Concentrées surtout à Téhéran, les manifestations sont néanmoins apparues d’une ampleur nettement inférieure à la vague de contestation nationale de novembre contre la hausse du prix de l’essence, matée au prix d’une répression ayant fait au moins 300 morts d’après Amnesty International.

Selon des images diffusées sur les réseaux sociaux, une cérémonie jeudi à la mémoire des victimes du crash à Ispahan (centre) a tourné à la manifestation hostile aux autorités.

C’est un général des Gardiens de la Révolution qui a endossé la responsabilité totale du drame de l’avion et affirmé que celui-ci avait été causé par l’opérateur d’une batterie de missile qui avait pris le Boeing pour un « missile de croisière », en pleine alerte « guerre » des forces iraniennes par crainte d’une riposte américaine.

Manifestations propouvoir

Vendredi, les autorités ont annoncé qu’à « la demande répétée de la population », des rassemblements de soutien au « système sacré de la République islamique » et aux forces armées contre « le Grand Satan (les Etats-Unis, ndlr) » auraient lieu dans la journée dans tout le pays à l’exception de Téhéran.
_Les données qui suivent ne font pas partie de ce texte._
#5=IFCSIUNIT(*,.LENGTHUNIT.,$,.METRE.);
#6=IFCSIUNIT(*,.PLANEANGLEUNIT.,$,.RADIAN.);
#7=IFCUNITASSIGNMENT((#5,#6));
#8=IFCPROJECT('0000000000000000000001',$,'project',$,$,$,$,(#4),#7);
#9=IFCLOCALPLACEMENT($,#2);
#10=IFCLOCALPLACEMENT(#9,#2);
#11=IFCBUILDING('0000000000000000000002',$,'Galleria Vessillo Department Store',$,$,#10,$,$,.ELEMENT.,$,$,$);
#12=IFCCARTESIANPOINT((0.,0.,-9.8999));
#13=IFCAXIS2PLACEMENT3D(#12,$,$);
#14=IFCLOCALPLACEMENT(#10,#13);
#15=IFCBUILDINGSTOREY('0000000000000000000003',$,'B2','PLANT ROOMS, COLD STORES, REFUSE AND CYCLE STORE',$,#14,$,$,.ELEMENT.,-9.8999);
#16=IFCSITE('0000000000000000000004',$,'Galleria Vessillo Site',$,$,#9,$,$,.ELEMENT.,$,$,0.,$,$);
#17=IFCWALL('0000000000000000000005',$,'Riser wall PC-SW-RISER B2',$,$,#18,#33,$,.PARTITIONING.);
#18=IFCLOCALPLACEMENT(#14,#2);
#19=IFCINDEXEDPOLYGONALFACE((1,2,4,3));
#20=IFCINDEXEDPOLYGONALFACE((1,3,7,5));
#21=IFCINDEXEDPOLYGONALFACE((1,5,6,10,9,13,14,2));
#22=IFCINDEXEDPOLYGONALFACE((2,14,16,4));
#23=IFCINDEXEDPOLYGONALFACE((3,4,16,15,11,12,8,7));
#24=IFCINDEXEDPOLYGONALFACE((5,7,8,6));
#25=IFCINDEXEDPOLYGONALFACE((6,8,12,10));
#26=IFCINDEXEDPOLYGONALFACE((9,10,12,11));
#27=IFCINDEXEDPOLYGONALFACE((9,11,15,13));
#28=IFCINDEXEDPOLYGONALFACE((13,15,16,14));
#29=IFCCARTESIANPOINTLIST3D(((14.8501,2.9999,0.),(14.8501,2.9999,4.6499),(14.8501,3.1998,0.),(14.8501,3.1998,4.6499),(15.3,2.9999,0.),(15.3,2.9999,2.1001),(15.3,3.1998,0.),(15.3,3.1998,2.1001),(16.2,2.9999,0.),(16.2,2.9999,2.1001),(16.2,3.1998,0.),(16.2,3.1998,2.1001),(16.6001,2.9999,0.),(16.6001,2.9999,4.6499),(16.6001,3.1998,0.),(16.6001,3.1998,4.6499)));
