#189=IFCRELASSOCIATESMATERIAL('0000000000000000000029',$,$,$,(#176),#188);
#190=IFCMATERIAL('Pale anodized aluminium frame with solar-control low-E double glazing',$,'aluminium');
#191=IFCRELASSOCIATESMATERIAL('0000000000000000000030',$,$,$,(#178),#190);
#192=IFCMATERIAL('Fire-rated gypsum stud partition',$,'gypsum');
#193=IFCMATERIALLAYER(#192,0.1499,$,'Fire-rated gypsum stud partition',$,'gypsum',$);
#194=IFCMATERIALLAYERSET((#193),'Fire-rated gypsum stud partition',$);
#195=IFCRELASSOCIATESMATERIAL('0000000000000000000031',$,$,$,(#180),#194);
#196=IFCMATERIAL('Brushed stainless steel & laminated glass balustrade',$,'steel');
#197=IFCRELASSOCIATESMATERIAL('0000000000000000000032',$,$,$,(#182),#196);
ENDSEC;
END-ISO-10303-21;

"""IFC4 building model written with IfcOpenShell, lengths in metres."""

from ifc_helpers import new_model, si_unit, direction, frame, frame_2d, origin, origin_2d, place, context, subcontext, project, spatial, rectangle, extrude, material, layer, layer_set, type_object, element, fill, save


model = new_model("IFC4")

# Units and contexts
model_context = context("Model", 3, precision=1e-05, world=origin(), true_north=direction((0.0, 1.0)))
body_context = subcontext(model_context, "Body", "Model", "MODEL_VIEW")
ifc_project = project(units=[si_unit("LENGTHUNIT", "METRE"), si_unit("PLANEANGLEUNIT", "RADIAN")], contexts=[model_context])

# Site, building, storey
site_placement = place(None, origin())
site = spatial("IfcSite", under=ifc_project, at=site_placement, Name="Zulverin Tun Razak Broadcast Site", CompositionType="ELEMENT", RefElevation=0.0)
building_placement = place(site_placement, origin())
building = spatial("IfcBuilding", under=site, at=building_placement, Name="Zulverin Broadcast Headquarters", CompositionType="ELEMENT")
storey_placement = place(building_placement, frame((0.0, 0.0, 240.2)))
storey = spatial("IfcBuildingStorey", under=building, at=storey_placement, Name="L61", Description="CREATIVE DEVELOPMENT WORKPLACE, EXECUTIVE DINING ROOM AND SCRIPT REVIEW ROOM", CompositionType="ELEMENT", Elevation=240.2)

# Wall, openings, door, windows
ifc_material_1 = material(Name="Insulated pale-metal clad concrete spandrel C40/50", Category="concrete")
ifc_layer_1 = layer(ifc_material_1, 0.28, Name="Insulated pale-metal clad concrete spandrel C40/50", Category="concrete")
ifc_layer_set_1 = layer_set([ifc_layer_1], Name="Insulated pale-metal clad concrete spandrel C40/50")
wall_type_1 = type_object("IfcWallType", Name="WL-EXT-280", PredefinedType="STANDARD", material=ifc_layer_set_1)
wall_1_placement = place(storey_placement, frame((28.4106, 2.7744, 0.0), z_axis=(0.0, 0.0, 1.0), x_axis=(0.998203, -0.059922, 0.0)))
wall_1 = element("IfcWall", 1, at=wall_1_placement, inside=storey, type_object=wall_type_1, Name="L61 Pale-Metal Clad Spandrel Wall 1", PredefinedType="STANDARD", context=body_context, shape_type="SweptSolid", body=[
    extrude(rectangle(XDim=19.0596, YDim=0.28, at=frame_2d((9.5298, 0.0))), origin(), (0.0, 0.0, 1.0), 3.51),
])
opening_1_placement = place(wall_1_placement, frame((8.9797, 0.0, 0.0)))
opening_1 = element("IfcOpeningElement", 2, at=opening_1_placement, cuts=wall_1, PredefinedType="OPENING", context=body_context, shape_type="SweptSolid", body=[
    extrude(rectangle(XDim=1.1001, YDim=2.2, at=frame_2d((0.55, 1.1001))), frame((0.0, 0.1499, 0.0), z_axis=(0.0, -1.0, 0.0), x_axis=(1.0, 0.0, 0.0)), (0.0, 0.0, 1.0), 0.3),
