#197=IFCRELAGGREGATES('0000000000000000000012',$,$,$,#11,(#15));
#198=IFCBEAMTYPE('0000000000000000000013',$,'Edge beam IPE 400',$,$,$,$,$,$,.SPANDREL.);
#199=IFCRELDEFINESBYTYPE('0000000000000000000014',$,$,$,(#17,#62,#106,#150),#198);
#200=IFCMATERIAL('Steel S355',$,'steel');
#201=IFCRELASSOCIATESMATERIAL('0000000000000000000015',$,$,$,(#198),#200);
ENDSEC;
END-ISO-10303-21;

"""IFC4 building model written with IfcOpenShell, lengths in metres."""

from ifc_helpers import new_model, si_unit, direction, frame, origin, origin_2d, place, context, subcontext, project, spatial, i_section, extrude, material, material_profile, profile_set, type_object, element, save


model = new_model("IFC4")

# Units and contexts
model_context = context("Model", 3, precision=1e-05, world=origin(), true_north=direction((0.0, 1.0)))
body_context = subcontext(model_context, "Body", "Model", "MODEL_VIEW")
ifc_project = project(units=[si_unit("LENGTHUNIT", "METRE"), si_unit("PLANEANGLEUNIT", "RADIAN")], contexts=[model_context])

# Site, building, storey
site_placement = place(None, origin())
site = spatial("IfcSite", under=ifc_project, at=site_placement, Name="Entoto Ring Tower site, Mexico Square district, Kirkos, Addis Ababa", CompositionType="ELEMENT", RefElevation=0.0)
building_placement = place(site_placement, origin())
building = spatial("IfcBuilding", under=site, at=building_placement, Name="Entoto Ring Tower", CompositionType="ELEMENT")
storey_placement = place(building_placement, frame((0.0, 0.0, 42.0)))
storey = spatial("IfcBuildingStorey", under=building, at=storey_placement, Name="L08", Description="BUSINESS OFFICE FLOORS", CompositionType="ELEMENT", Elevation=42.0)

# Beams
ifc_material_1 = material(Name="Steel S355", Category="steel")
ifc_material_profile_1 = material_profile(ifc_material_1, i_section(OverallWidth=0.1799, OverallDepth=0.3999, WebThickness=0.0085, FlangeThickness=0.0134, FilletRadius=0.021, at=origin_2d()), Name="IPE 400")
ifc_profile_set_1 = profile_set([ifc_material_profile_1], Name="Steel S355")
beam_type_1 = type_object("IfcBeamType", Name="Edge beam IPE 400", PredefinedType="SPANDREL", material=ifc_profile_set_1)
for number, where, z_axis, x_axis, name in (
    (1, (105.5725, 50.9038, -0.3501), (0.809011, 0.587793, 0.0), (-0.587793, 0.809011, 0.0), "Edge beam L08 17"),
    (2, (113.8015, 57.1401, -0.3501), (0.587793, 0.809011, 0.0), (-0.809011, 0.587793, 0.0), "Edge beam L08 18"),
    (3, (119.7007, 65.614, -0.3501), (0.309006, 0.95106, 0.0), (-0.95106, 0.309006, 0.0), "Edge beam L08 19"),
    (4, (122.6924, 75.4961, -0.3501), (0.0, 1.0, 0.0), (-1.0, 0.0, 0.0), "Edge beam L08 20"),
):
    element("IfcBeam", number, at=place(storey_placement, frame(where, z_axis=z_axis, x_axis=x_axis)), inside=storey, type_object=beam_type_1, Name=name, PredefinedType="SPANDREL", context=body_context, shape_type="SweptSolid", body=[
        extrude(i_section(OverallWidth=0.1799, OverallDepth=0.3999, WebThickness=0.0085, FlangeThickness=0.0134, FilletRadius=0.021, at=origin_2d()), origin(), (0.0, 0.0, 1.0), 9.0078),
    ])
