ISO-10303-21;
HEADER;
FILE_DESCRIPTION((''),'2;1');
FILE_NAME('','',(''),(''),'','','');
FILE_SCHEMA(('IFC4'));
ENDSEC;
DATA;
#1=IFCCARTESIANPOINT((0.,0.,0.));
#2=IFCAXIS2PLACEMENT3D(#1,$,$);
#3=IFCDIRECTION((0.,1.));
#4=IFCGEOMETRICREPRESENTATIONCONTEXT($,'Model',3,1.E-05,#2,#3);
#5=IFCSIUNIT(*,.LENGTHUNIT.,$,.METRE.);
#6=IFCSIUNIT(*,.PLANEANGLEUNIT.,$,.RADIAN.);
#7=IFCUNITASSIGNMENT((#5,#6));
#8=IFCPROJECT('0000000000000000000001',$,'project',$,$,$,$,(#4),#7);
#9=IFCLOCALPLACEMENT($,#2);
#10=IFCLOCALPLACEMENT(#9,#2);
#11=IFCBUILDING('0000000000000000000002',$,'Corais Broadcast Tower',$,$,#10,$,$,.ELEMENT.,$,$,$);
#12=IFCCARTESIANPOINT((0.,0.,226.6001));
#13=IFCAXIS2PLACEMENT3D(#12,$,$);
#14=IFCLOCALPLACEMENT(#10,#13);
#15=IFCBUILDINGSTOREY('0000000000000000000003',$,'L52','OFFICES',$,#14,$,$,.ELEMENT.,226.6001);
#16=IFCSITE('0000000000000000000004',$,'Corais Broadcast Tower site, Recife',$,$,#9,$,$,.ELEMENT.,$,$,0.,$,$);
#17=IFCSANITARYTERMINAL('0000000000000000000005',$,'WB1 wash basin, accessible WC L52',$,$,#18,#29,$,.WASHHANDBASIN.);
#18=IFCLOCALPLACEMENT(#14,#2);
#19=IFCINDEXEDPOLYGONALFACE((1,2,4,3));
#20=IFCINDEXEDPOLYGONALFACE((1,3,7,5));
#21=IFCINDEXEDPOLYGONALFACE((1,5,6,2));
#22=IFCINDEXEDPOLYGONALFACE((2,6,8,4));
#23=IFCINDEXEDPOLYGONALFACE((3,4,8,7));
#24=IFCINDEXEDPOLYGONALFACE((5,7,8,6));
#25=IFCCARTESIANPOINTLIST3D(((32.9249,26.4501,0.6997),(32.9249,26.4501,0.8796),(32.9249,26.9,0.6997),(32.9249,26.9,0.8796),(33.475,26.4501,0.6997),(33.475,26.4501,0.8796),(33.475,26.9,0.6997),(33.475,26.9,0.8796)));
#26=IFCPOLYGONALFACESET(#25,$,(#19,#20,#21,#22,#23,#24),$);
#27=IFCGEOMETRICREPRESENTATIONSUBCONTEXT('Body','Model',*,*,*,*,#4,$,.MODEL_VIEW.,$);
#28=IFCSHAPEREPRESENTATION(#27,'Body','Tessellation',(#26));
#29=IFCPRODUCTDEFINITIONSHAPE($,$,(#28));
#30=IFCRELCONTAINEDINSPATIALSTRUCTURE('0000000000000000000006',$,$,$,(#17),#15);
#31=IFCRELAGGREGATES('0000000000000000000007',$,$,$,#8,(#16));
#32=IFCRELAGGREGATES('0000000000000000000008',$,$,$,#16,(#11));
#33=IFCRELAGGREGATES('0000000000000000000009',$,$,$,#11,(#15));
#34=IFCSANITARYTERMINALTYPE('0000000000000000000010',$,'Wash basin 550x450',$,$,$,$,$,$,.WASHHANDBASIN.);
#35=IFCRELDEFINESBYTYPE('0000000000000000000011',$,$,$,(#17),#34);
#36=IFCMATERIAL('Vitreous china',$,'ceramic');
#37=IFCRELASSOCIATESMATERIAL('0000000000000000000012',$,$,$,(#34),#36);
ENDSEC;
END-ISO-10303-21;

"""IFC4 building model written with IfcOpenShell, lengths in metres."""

from ifc_helpers import new_model, si_unit, direction, frame, origin, origin_2d, place, context, subcontext, project, spatial, rectangle, extrude, material, type_object, element, save


model = new_model("IFC4")

# Units and contexts
model_context = context("Model", 3, precision=1e-05, world=origin(), true_north=direction((0.0, 1.0)))
body_context = subcontext(model_context, "Body", "Model", "MODEL_VIEW")
ifc_project = project(units=[si_unit("LENGTHUNIT", "METRE"), si_unit("PLANEANGLEUNIT", "RADIAN")], contexts=[model_context])

# Site, building, storey
site_placement = place(None, origin())
site = spatial("IfcSite", under=ifc_project, at=site_placement, Name="Corais Broadcast Tower site, Recife", CompositionType="ELEMENT", RefElevation=0.0)
building_placement = place(site_placement, origin())
building = spatial("IfcBuilding", under=site, at=building_placement, Name="Corais Broadcast Tower", CompositionType="ELEMENT")
storey_placement = place(building_placement, frame((0.0, 0.0, 226.6001)))
storey = spatial("IfcBuildingStorey", under=building, at=storey_placement, Name="L52", Description="OFFICES", CompositionType="ELEMENT", Elevation=226.6001)

# Sanitary terminal
ifc_material_1 = material(Name="Vitreous china", Category="ceramic")
sanitary_terminal_type_1 = type_object("IfcSanitaryTerminalType", Name="Wash basin 550x450", PredefinedType="WASHHANDBASIN", material=ifc_material_1)
sanitary_terminal_placement = place(storey_placement, frame((33.2, 26.675, 0.6997), z_axis=(0.0, 0.0, 1.0), x_axis=(1.0, 0.0, 0.0)))
element("IfcSanitaryTerminal", 1, at=sanitary_terminal_placement, inside=storey, type_object=sanitary_terminal_type_1, Name="WB1 wash basin, accessible WC L52", PredefinedType="WASHHANDBASIN", context=body_context, shape_type="SweptSolid", body=[
    extrude(rectangle(XDim=0.55, YDim=0.45, at=origin_2d()), origin(), (0.0, 0.0, 1.0), 0.1799),
])

save(model, "model.ifc")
Selon le Conseil de coordination de la propagation de l’islam, les rassemblements doivent être l’occasion de célébrer « les efforts incessants des forces armées populaires en particulier les Gardiens de la Révolution ».

Après les manifestations antipouvoir, le président iranien Hassan Rohani a reconnu implicitement jeudi l’existence d’une crise de confiance envers les autorités.

Le président iranien Hassan Rouhani prononce un discours à Rafsanjan, au sud ouest de l’Iran, le 11 novembre 2019. (Crédit : bureau présidentiel iranien via AP)

M. Rohani a par ailleurs défendu sa politique d’ouverture. L’ayatollah Khamenei répète lui régulièrement que les Occidentaux ne sont pas dignes de confiance et a interdit tout dialogue avec l’administration américaine de Donald Trump.

A l’approche des législatives du 21 février, annoncées comme difficiles pour le camp de M. Rohani, et dans un contexte de tensions croissantes entre Téhéran et les Occidentaux sur le programme nucléaire iranien, M. Rohani a également déclaré vouloir continuer de dialoguer avec le monde sur cette question.

Washington s’est retiré en 2018 de l’accord international sur le nucléaire iranien et a rétabli des sanctions économiques contre Téhéran.

En juin 2019, les Etats-Unis et l’Iran avaient paru au bord de l’affrontement militaire direct après que Téhéran eut abattu un drone américain accusé d’avoir violé son espace aérien. M. Trump avait alors affirmé avoir annulé in extremis des frappes de représailles.